И так вот, не представляя себе серьезности поломки, веря, что свет вернется с минуты на минуту, мы ждали, разговаривая о том о сем, а радиаторы в это время медленно остывали. Такой род разговора обычно трудно запомнить. Кажется, первой ринулась в атаку Клер, сказав:
— А этот Бомонь в общем-то не такой уж плохой мужик! Но все его определения…
И вот начался бессвязный разговор, что-то среднее между диалогом и монологом, иногда прерываемый молчанием, чтобы возникнуть вновь и длиться дольше, набирать силу. Сначала послышался шепот:
— Бригадир все-таки произнес верное еловой протест. Отказ быть соучастником — это серьезно…
Стук маятника заполнил молчание: пятьдесят раз примерно. К моему удивлению, шепот возобновился:
— Когда меня ранили, я закричал: «Скорее в больницу!» Инспектор обратил на это мое внимание. По его версии здесь было противоречие, рефлекс, доказывающий, что я не очень долгое время жил один. Да, правда, я пришел к этому не сразу…
Клер нерешительно заговорила о другом. О проблемах переплетного дела, в частности. Я хорошо понимал, чего она боится. Тот, кто старается объясниться, в то же время убеждает себя… а завтра будет злиться на вас за свою откровенность. Знание в некоторых случаях не дает власти, а лишь ограничивает ту, что вы имеете.
Но тень оживилась:
— Мне хотелось бы, чтобы вы оба поняли меня. Чем больше становится людей, тем больше они жалуются на одиночество. Людям нужно, чтобы их стесняли, ограничивали, тогда они чувствуют жизнь… Любопытно! Что бы там ни было, каждый пожизненно заключен внутри самого себя, и не из-за чего шум поднимать!
Смех, настоящий смех сопровождал его выпад:
— Насколько мне известно, бог одинок целую вечность, и ему нравится, а люди созданы по его подобию…
Засим последовавшая пауза длилась целых две минуты.

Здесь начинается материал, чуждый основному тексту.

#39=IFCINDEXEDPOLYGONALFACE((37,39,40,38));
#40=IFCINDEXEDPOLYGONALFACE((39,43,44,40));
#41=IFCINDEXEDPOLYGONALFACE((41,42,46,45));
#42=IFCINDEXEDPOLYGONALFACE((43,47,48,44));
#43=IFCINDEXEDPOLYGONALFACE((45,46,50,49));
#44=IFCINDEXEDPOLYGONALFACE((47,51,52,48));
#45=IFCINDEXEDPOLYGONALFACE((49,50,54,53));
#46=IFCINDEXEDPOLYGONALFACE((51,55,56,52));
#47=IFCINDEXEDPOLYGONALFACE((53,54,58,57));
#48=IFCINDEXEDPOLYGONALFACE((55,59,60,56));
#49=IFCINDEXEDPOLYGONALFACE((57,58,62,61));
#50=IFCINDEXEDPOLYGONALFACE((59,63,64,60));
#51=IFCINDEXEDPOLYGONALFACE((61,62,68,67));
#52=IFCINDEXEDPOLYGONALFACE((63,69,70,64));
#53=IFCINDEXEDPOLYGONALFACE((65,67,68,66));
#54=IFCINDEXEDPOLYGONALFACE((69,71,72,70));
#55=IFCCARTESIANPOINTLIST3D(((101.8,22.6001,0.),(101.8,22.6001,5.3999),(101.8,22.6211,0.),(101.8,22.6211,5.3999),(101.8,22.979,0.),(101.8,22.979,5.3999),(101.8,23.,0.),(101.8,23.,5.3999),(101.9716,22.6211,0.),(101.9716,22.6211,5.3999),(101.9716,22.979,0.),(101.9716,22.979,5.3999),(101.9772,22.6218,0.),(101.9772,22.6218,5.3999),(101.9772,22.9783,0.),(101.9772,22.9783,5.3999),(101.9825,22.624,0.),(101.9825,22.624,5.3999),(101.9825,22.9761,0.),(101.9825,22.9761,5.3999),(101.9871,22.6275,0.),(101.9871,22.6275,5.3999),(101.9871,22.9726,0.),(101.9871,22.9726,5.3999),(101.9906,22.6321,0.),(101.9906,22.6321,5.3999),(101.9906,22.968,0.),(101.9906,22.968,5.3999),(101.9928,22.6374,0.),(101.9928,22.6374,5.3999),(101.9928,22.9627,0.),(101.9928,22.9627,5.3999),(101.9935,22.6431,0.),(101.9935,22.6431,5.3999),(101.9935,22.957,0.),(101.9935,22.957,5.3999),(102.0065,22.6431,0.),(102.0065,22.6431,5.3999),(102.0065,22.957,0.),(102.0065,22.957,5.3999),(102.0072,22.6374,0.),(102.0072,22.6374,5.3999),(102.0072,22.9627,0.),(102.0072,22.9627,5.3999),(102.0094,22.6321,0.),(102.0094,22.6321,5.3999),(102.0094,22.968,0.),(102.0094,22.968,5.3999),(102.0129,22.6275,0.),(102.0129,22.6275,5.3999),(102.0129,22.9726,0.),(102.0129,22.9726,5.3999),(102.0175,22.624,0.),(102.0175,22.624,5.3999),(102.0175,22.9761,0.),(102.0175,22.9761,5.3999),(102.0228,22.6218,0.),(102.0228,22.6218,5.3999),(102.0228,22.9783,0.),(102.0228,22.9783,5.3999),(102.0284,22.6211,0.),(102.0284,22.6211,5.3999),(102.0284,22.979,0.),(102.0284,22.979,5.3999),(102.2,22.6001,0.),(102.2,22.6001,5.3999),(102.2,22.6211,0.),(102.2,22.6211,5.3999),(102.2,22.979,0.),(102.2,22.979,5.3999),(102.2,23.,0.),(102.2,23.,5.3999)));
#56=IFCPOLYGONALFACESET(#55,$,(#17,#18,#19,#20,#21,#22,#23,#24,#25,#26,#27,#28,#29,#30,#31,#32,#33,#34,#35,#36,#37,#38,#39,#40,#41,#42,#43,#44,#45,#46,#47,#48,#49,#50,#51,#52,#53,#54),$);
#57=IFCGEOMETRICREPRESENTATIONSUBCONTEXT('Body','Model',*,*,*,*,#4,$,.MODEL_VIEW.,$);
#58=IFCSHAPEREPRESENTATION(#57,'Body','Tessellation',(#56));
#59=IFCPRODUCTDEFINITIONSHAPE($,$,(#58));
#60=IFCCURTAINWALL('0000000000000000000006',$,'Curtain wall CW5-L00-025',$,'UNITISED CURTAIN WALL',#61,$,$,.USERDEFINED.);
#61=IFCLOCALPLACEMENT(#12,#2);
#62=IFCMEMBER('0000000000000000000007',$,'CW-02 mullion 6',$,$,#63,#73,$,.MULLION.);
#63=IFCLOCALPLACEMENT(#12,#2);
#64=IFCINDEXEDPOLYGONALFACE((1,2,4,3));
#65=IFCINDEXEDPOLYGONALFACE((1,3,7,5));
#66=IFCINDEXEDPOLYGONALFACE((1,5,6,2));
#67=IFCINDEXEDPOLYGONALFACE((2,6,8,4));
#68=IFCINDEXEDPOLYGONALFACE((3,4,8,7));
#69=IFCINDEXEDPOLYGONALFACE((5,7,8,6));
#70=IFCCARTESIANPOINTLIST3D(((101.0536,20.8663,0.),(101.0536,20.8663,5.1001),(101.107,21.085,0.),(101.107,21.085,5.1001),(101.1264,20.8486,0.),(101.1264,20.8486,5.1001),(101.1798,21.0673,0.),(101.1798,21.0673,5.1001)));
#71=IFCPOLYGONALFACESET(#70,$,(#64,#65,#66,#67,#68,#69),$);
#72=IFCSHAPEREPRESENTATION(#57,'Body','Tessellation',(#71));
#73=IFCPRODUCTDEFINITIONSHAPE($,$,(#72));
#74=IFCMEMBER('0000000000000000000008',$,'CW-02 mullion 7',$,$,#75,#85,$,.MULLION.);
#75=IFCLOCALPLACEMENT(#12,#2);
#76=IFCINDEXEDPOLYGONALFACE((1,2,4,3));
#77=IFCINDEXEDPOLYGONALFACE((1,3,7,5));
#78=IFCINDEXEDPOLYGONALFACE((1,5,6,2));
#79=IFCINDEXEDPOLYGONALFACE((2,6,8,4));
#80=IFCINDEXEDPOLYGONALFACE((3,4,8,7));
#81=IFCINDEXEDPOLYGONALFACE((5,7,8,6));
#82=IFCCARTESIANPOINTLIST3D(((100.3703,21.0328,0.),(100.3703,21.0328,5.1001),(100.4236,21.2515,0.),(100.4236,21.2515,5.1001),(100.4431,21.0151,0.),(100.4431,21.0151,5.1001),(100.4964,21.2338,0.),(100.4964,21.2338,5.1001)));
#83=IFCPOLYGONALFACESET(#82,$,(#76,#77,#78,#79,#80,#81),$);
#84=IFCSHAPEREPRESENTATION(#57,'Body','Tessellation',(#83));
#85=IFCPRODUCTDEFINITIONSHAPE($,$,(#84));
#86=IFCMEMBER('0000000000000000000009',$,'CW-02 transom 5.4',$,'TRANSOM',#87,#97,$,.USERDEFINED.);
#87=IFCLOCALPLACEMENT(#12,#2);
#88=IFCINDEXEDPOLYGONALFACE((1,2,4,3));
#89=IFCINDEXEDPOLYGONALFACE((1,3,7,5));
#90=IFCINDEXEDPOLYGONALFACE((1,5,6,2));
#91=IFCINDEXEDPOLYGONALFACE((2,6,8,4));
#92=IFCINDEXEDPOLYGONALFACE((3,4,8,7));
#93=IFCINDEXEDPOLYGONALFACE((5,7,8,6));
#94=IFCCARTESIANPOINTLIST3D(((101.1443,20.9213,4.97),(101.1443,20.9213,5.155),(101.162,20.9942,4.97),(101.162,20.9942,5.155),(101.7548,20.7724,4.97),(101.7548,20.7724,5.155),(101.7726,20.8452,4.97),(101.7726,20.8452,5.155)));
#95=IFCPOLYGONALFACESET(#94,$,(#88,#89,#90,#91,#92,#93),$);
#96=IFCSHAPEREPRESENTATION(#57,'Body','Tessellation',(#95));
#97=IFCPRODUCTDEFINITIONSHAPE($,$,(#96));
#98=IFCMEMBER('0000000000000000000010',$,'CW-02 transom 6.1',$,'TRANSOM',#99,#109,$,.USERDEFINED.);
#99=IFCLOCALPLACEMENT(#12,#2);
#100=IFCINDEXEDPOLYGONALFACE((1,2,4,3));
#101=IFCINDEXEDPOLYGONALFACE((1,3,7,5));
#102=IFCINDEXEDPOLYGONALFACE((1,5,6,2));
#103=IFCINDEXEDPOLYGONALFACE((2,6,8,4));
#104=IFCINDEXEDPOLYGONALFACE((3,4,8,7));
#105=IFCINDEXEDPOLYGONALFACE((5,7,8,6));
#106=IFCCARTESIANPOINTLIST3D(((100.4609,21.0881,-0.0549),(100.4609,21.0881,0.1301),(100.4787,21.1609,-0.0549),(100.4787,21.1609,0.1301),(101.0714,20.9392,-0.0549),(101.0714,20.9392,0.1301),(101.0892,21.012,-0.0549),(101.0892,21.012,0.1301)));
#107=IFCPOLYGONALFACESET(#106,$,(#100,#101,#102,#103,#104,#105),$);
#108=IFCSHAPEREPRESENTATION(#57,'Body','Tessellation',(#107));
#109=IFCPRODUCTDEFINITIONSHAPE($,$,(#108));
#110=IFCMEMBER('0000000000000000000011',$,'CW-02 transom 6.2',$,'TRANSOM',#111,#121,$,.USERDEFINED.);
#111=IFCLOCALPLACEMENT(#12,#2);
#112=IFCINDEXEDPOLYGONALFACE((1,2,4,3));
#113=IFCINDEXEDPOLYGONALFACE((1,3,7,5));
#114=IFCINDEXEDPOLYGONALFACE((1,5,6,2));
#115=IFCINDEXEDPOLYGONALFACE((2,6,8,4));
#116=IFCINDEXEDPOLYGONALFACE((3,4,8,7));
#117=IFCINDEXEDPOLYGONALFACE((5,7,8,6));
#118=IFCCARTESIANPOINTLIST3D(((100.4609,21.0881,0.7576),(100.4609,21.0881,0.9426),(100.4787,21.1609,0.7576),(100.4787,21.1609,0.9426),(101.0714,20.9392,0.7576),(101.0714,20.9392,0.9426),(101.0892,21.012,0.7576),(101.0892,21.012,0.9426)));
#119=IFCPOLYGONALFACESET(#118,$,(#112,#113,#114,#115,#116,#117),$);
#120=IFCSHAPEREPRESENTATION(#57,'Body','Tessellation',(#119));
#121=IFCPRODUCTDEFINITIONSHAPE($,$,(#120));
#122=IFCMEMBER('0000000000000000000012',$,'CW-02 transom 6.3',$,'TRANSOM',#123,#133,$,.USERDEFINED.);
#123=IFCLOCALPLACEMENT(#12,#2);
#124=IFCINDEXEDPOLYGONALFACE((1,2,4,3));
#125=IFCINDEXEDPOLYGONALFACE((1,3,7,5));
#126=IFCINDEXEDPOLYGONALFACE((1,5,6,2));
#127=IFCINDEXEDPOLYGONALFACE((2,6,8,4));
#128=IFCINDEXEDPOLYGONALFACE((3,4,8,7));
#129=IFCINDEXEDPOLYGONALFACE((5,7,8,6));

Потом он продолжал:
— Каждый из нас — единствен в своем роде, так кажется. Однако не человек принимается в расчет, а его имущество. Желая потреблять, вы становитесь рабом того, что вам принадлежит. Что касается меня, то меня интересует другое противоположное роскошество: жить без благ, без правил, без гарантий, без амбиций, без памяти, без имени…
— В общем, почти без себя! — заключила Клер.
По улице проехал автомобиль и своими фарами ощупал потолок. Кошка мяукнула, и я, из-за того что не видел ее глаз (глаза кошки всего лишь аппарат, отдающий свет), не смог узнать, прыгнула ли она на раму форточки. Клер, ерзавшая на своем стуле, не осмелилась уточнять. Я, — и это впервые, — нарушил пакт и спросил:
— Однако вы называете людей, растения, животных, вещи. Почему же делать исключение для одного себя?
Я приготовился к атаке. И напрасно! Мой гость спокойно ответствовал:
— Мы только то и делаем, что меняемся — в возрасте, в физическом обличье, иногда меняются обстоятельства, место жительства, идеи… Что общего между всеми нами, от младенца до старика? Имя. Произвольная отметина, но неизменная. Отбросить его — это действительно отказ наиболее радикальный для одних и наиболее затруднительный для других. Вы не оставляете им ничего. Лишенные слова, которое должно вас определить, лишенные социального смысла, вы становитесь ирреальным, вне языка, вне применения, вне закона. Из всей этой истории вы увидели так же, как и я, до какой степени это сбивает с толку! Я дышу, сплю, ем, я живу очень хорошо, но не должен бы: в репертуаре я не значусь.
— Вы фигурируете в своем: себя не забывают, — вставил я, раздраженный тирадой, неожиданной для этого молчальника.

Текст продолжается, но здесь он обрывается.